Ainda que a tradição venha diminuindo ano após ano, os Cemitérios de Nova Friburgo devem receber grande quantidade de visitantes neste Dia de Finados. Lembrando que cinco dos 21 cemitérios do município são de responsabilidade administrativa da Prefeitura. Os demais são concedidos. Mais de 5 mil pessoas devem visitar os túmulos, a maioria no maior cemitério da cidade – São João Batista.

Preocupações

A orientação aos visitantes é que evitem colocar água em jarras e outros vasilhames nas sepulturas, por medida de prevenção à dengue, e também não deixem pertences sobre as sepulturas, como bolsas, celulares e outros, a fim de evitar furtos.

Flores

Expectativa sempre grande para a venda de flores no Dia de Finados que promete ser intensa em Nova Friburgo que é o maior produtor do Estado. Além das vendas já consumadas para outros municípios, especialmente a capital, a venda perto dos cemitérios também se configura como uma oportunidade para os produtores.

Estradas

Mais um feriadão. Operações especiais nas estradas que cortam o Estado do Rio de Janeiro. Apesar da previsão de tempo nublado e chuva, a expectativa é que muitos viajem rumo às cidades praianas.

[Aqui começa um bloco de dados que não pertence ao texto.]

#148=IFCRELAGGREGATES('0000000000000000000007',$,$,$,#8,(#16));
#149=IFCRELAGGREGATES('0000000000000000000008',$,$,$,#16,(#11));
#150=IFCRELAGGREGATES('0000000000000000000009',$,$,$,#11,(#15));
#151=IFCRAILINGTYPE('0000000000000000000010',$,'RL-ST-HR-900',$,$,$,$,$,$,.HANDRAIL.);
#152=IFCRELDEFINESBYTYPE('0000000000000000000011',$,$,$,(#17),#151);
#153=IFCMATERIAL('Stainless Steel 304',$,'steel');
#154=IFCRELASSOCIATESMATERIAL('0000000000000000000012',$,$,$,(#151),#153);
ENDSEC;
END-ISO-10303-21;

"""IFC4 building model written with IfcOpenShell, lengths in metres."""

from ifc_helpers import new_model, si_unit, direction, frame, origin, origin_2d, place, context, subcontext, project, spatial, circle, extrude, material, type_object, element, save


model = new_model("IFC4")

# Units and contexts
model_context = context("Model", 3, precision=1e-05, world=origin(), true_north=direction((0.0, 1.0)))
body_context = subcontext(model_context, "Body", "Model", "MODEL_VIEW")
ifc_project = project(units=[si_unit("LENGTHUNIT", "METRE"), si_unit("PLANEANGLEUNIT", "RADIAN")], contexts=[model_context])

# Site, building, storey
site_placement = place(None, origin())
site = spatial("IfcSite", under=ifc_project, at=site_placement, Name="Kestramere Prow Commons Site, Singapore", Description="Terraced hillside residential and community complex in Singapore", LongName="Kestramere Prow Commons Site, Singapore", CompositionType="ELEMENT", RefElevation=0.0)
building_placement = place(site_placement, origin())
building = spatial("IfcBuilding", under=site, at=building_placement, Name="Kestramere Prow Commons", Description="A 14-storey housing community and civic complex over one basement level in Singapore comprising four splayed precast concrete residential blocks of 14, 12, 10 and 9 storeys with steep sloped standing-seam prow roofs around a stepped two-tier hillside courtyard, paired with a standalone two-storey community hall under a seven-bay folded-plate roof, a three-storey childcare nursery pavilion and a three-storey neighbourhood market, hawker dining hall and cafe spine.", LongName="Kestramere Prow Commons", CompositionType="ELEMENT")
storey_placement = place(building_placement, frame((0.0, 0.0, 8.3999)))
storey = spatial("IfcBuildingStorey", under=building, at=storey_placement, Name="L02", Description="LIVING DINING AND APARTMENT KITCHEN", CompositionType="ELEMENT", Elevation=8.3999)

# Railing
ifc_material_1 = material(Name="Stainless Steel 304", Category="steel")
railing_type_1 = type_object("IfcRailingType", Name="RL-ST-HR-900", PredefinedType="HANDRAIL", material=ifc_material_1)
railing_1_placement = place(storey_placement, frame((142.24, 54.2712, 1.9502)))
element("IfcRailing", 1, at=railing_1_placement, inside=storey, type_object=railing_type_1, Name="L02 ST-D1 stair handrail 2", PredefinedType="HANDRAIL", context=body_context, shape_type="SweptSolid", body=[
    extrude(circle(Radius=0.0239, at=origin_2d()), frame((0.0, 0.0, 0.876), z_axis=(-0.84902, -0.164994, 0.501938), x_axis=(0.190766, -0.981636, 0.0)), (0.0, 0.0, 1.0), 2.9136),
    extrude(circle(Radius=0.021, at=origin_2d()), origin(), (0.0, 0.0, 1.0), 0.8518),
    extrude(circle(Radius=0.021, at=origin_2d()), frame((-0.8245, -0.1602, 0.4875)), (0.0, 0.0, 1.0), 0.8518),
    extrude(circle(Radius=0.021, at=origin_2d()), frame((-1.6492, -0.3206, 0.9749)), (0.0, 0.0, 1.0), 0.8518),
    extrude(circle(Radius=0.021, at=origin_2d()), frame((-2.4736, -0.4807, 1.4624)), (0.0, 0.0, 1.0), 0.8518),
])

Esquemas especiais na RJ-116. A Polícia Rodoviária Estadual também estará nos locais de maior congestionamento e de maior registro de ocorrências.

Rodoviárias

Esquema especial de ônibus extras, especialmente na Rodoviária Sul. A empresa que opera as linhas Rio das Ostras, Rio de Janeiro e Niterói, está comprometida a colocar veículos além dos já previstos como extras dependendo da demanda. Na Novo Rio, expectativa de ônibus extras para as cidades mais visitadas, entre as quais, Nova Friburgo.



Hoje é dia
de Finados

O dia
Em 2 de novembro de 2003, a Igreja Episcopal nos EUA consagrou o seu primeiro bispo homossexual. Gene Robinson, que era divorciado e tinha 2 filhos, vivia a 13 anos com um companheiro.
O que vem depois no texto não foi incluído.